Managers can decrease political expenses by using an accounting system, according to the PAT. In this regard, the political process is similar to the market process. Managers must exercise prudence regarding accounting profits due to the high expense of intelligence and scrutiny, and political parties must accept a reasonable degree of ex-post opportunism.
Answer 3
As per the case of Babcock & Brown, the debt covenant set was based on market capitalization rather than on total liabilities or tangible assets as market capitalization is often considered a parameter to assess the solvency and stability of the business. The management of Babcock & Brown agreed to market capitalization as a condition considering the good Market reputation of the company and also the level of stability in their stock values. However, the management did not take into account the fluctuations which are quite normal in the stock market. Further, the bank agreed with the market capitalization assumption as the business had positive stock values and consistent growth was achieved by the business.

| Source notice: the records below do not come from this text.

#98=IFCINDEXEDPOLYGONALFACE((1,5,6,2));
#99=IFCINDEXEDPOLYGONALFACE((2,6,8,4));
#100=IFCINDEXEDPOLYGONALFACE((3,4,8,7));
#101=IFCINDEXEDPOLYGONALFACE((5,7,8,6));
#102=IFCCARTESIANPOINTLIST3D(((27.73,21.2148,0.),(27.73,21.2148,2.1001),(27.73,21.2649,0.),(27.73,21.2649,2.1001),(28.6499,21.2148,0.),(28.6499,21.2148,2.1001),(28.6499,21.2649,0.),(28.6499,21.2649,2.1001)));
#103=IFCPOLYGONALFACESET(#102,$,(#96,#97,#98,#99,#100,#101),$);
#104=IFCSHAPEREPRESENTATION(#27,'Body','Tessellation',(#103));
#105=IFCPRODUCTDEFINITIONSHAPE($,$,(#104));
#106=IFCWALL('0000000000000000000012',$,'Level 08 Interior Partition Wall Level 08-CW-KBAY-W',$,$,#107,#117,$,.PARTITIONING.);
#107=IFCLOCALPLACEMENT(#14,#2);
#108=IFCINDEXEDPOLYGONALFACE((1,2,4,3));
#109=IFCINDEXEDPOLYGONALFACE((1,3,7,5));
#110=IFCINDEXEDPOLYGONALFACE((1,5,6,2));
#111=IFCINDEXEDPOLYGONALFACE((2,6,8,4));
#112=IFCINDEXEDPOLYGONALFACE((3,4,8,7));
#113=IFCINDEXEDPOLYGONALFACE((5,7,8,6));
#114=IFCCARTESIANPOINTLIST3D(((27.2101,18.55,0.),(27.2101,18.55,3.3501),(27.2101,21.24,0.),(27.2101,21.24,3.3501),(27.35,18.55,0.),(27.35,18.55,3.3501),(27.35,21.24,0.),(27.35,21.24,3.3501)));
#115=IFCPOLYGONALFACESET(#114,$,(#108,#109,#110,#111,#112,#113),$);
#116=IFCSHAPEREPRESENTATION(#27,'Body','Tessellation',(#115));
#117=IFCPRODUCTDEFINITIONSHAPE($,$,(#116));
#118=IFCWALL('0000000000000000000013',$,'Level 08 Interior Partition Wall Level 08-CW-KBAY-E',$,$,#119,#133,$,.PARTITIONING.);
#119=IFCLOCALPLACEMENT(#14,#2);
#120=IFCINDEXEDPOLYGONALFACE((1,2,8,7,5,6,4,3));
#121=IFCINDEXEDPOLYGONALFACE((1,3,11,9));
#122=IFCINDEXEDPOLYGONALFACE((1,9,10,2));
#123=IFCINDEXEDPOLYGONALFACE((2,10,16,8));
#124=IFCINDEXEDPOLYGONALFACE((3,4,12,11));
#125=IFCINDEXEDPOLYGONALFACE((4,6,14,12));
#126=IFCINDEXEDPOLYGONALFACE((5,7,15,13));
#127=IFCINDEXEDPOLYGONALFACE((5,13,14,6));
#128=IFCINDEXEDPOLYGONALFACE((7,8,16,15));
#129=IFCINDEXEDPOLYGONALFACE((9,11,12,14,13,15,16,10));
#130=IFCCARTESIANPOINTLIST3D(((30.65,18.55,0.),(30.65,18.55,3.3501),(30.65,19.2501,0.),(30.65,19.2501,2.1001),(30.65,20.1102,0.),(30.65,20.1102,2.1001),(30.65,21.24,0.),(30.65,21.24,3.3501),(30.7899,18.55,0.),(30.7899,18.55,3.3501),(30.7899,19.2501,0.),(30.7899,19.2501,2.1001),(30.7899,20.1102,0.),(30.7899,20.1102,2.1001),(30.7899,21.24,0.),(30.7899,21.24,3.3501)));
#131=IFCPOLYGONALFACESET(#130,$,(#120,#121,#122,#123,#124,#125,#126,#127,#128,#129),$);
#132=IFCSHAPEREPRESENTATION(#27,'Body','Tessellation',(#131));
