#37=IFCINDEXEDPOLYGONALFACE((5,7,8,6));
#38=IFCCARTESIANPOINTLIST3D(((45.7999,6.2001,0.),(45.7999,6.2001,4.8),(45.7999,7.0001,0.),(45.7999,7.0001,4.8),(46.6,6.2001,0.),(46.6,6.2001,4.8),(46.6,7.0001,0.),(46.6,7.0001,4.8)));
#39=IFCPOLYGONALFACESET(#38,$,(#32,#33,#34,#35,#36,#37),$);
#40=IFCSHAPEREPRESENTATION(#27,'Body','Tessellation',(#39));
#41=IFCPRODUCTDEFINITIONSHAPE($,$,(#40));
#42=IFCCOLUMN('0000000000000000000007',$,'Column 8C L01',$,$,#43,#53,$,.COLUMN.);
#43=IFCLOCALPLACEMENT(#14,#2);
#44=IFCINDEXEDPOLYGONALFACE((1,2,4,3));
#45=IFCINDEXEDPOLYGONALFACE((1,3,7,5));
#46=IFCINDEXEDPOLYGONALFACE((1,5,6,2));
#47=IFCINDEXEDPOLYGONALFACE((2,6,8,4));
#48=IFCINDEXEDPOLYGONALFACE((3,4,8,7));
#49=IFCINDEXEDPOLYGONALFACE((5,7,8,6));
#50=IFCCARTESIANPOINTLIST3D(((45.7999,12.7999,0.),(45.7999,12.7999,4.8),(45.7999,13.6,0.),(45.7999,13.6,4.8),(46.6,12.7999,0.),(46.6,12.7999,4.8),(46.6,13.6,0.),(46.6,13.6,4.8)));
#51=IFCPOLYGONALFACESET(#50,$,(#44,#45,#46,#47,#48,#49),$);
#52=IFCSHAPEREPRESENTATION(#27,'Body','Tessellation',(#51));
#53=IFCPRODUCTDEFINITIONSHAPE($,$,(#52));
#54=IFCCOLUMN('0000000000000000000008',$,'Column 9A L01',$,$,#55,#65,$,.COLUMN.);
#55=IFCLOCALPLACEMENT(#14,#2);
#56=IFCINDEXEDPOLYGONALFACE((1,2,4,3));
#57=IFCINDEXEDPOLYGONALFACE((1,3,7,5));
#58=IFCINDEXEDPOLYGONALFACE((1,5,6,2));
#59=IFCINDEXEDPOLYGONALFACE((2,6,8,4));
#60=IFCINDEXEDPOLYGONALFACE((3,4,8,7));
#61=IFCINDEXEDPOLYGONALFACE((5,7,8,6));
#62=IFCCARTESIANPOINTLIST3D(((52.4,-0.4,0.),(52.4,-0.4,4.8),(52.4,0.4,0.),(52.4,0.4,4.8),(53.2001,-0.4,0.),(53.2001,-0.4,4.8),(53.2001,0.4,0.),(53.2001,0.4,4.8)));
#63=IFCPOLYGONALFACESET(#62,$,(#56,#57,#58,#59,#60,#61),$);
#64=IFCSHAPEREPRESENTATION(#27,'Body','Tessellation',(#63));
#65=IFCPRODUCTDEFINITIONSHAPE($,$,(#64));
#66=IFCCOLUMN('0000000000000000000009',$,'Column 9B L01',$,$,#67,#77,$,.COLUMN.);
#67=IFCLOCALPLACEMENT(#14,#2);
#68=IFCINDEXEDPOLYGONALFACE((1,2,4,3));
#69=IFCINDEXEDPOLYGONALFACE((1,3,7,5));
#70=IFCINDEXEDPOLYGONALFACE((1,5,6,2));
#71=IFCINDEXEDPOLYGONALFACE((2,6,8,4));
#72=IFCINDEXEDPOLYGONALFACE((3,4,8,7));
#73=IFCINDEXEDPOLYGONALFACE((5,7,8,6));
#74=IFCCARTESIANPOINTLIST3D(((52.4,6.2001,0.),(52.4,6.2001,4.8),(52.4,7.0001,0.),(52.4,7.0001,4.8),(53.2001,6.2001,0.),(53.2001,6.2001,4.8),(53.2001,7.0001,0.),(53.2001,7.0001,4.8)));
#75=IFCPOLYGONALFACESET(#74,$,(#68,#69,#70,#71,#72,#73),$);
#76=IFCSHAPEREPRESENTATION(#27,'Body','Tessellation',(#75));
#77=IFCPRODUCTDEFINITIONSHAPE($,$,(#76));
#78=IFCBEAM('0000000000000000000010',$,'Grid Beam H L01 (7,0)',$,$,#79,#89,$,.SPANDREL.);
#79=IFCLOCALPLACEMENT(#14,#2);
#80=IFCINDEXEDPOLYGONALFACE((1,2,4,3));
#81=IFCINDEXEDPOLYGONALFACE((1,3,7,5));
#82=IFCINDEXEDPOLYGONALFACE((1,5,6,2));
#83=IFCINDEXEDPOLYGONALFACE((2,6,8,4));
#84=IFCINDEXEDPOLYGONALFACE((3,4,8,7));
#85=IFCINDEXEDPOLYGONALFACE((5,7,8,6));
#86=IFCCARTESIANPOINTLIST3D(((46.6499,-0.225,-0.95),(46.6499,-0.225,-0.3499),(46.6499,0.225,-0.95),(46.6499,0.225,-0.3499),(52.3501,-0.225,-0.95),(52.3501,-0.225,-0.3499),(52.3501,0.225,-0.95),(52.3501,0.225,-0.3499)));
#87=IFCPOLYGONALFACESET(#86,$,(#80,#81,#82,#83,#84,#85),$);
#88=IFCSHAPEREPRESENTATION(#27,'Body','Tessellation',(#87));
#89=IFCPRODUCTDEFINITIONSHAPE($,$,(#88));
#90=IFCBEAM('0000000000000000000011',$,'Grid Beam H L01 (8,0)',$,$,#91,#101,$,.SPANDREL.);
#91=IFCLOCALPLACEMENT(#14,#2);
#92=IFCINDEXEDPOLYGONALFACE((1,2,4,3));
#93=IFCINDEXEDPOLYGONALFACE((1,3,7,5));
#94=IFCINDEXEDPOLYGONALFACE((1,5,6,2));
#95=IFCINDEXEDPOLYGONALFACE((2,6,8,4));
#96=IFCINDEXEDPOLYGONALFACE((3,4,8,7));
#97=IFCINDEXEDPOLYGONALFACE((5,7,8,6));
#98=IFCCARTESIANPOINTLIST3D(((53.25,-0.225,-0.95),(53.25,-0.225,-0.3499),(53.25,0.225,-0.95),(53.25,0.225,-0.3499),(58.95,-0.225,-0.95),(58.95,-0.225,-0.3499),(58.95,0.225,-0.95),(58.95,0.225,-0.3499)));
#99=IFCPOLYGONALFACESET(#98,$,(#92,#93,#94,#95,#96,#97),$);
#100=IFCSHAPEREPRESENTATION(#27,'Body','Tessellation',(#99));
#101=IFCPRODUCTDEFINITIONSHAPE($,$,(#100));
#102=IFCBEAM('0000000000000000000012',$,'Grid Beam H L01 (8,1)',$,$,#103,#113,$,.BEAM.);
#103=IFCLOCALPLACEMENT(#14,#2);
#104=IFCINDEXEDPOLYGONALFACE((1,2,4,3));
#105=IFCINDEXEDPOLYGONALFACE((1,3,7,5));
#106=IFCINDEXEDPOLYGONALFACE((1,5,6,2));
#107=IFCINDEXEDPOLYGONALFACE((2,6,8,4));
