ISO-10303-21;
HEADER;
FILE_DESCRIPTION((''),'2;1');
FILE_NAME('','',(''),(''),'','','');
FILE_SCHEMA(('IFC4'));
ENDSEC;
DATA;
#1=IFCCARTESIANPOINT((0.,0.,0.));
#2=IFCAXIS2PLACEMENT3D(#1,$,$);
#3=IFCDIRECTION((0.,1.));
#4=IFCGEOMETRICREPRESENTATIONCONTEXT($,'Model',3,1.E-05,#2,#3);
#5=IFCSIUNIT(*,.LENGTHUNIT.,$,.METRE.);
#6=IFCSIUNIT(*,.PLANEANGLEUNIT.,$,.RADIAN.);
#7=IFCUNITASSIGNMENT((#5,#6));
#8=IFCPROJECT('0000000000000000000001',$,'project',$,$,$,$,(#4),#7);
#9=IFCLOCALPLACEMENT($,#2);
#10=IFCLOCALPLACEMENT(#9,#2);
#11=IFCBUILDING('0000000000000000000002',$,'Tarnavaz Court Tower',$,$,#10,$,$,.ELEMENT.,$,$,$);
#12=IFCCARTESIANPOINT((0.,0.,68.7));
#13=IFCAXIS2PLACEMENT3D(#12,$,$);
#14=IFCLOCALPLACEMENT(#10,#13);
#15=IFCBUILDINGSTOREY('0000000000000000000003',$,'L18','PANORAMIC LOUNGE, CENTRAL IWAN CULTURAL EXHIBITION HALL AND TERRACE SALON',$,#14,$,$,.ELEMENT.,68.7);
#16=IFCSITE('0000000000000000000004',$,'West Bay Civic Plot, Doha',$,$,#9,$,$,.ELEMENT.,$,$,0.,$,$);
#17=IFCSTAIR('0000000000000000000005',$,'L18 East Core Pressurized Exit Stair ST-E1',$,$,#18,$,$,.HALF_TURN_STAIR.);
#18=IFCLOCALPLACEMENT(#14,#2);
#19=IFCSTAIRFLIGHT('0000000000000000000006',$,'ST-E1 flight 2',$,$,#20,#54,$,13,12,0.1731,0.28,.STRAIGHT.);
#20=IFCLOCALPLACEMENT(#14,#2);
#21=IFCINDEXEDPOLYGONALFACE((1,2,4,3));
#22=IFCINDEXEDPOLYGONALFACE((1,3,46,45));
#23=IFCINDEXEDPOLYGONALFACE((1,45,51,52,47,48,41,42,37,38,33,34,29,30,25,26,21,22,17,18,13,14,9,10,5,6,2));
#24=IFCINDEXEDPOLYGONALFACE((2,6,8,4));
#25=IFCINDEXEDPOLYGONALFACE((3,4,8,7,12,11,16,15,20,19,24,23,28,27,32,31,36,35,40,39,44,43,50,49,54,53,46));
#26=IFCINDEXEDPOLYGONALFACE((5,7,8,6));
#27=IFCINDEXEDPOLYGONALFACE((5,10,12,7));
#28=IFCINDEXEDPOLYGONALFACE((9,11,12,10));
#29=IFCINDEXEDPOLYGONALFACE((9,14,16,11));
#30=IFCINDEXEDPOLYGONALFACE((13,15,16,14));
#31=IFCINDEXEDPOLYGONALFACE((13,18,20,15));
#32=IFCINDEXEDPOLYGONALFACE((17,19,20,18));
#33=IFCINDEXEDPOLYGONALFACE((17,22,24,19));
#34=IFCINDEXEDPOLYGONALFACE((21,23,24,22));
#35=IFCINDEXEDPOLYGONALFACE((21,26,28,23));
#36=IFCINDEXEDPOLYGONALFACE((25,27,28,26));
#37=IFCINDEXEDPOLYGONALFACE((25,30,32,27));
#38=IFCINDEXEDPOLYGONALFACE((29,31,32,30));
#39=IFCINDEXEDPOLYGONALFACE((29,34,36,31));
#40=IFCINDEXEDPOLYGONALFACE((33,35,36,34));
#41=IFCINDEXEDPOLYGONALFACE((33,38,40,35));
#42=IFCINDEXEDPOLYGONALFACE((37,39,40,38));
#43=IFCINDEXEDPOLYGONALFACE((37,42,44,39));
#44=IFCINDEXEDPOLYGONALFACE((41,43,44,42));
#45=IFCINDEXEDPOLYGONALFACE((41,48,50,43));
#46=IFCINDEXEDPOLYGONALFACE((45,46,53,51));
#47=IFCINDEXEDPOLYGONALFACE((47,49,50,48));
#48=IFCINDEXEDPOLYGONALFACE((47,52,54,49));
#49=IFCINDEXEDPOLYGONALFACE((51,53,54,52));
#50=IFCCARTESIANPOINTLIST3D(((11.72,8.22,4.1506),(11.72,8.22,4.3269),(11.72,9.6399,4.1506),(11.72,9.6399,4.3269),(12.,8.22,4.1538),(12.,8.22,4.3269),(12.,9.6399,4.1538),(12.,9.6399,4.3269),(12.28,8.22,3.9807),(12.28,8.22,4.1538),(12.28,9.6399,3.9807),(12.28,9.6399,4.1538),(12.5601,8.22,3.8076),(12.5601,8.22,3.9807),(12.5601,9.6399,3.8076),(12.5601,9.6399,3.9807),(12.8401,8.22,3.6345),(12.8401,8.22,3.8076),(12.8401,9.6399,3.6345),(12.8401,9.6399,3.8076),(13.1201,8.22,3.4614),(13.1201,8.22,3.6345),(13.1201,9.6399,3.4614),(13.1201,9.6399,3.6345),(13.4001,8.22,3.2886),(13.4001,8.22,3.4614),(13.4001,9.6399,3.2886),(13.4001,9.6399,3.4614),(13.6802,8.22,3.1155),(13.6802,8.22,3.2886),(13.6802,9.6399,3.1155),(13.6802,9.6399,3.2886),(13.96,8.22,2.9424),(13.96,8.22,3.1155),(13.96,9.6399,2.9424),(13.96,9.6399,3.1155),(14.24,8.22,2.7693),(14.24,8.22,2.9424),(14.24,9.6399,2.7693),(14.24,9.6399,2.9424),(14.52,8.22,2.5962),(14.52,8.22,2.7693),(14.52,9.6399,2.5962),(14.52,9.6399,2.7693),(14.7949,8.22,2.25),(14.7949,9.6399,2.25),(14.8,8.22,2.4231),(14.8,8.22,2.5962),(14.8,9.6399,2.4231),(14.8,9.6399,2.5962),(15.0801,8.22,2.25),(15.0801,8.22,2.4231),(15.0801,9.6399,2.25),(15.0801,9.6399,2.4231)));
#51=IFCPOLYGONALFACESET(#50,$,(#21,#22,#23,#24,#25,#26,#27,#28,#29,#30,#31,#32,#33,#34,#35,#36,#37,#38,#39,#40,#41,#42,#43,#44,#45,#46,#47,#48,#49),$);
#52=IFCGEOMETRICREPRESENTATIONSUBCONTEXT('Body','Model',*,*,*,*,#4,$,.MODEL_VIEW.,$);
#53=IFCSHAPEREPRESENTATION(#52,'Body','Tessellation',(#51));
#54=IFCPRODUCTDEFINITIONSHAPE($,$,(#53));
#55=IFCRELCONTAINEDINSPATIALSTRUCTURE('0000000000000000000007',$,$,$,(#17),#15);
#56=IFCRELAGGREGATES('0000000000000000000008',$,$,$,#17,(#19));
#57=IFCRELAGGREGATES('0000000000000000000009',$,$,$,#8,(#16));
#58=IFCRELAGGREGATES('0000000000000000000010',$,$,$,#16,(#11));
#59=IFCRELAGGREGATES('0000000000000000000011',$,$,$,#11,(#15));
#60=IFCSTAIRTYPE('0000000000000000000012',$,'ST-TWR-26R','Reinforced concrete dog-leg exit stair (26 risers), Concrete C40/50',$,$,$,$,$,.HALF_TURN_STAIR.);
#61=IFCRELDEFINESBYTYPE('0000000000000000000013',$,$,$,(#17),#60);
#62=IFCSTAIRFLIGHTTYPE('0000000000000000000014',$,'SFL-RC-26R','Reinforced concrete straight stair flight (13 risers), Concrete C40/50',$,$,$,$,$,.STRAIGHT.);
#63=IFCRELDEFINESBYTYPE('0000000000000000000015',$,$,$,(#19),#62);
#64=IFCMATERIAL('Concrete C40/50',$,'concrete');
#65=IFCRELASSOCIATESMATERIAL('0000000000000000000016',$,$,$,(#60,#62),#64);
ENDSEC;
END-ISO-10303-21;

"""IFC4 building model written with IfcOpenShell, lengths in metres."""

from ifc_helpers import new_model, si_unit, direction, frame, origin, place, context, subcontext, project, spatial, polyline, outline, extrude, material, type_object, element, aggregate, save


model = new_model("IFC4")

# Units and contexts
model_context = context("Model", 3, precision=1e-05, world=origin(), true_north=direction((0.0, 1.0)))
body_context = subcontext(model_context, "Body", "Model", "MODEL_VIEW")
ifc_project = project(units=[si_unit("LENGTHUNIT", "METRE"), si_unit("PLANEANGLEUNIT", "RADIAN")], contexts=[model_context])

# Site, building, storey
site_placement = place(None, origin())
site = spatial("IfcSite", under=ifc_project, at=site_placement, Name="West Bay Civic Plot, Doha", CompositionType="ELEMENT", RefElevation=0.0)
building_placement = place(site_placement, origin())
building = spatial("IfcBuilding", under=site, at=building_placement, Name="Tarnavaz Court Tower", CompositionType="ELEMENT")
storey_placement = place(building_placement, frame((0.0, 0.0, 68.7)))
storey = spatial("IfcBuildingStorey", under=building, at=storey_placement, Name="L18", Description="PANORAMIC LOUNGE, CENTRAL IWAN CULTURAL EXHIBITION HALL AND TERRACE SALON", CompositionType="ELEMENT", Elevation=68.7)

# Stair, stair flight
ifc_material_1 = material(Name="Concrete C40/50", Category="concrete")
stair_type = type_object("IfcStairType", Name="ST-TWR-26R", Description="Reinforced concrete dog-leg exit stair (26 risers), Concrete C40/50", PredefinedType="HALF_TURN_STAIR", material=ifc_material_1)
stair_placement = place(storey_placement, origin())
stair = element("IfcStair", 1, at=stair_placement, inside=storey, type_object=stair_type, Name="L18 East Core Pressurized Exit Stair ST-E1", PredefinedType="HALF_TURN_STAIR")
stair_flight_type = type_object("IfcStairFlightType", Name="SFL-RC-26R", Description="Reinforced concrete straight stair flight (13 risers), Concrete C40/50", PredefinedType="STRAIGHT", material=ifc_material_1)
stair_flight_placement = place(storey_placement, frame((15.0801, 8.9299, 2.25), z_axis=(0.0, 0.0, 1.0), x_axis=(-1.0, 0.0, 0.0)))
stair_flight = element("IfcStairFlight", 2, at=stair_flight_placement, type_object=stair_flight_type, Name="ST-E1 flight 2", NumberOfRisers=13, NumberOfTreads=12, PredefinedType="STRAIGHT", RiserHeight=0.1731, TreadLength=0.28, context=body_context, shape_type="SweptSolid", body=[
    extrude(outline(polyline([(0.0, 0.0), (0.0, 0.1731), (0.28, 0.1731), (0.28, 0.3462), (0.5601, 0.3462), (0.5601, 0.5193), (0.8401, 0.5193), (0.8401, 0.6924), (1.1201, 0.6924), (1.1201, 0.8655), (1.3999, 0.8655), (1.3999, 1.0386), (1.6799, 1.0386), (1.6799, 1.2114), (1.96, 1.2114), (1.96, 1.3845), (2.24, 1.3845), (2.24, 1.5576), (2.52, 1.5576), (2.52, 1.7307), (2.8, 1.7307), (2.8, 1.9038), (3.0801, 1.9038), (3.0801, 2.0769), (3.3601, 2.0769), (3.3601, 2.25), (3.3601, 1.9006), (0.2852, 0.0), (0.0, 0.0)])), frame((0.0, 0.71, 0.0), z_axis=(0.0, -1.0, 0.0), x_axis=(1.0, 0.0, 0.0)), (0.0, 0.0, 1.0), 1.4199),
])
aggregate(stair, [stair_flight])

save(model, "model.ifc")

Further, the debt covenant provided a sense of security for the banks and thereby the condition was accepted within the debt contract of the business (Wiratama, & Asri, 2020).
Answer 4
Politicians have concentrated on high-profit enterprises rather than small businesses, as evidenced by a higher level of governmental scrutiny. Firms aim to lower their earnings by employing various accounting strategies, which helps them avoid paying a significant political cost to political organizations. The business has two options, the capitalization approach, and the expensing strategy. As a result, in this scenario, the firm opts for a capitalizing approach (Nasution et al., 2022). The capitalization approach allows the corporation to invest in securities while simultaneously decreasing earnings by displaying expenses such as dividends given to current shareholders and interest paid on debt, which reduces profits while also lowering political costs.
Limiting the Managers’ Capacity to Affect Future Profitability
The debt covenant theory and the political cost hypothesis are two of Positive Accounting’s theories. The corporation can minimize earnings on its financial statement by using the debt covenant strategy.
Answer 5
Accounting standards give managers some flexibility in selecting from a variety of accounting practices, but they also allow for opportunistic behavior. Managerial accounting decisions are analyzed using the accounting framework in place, which means that accounting decisions are made based on the available accounting standards. Outsiders can see initial decisions and alterations in accounting principles, but modifying accounting estimates allows management more flexibility since an external viewer cannot easily discover when such a decision is used to control income.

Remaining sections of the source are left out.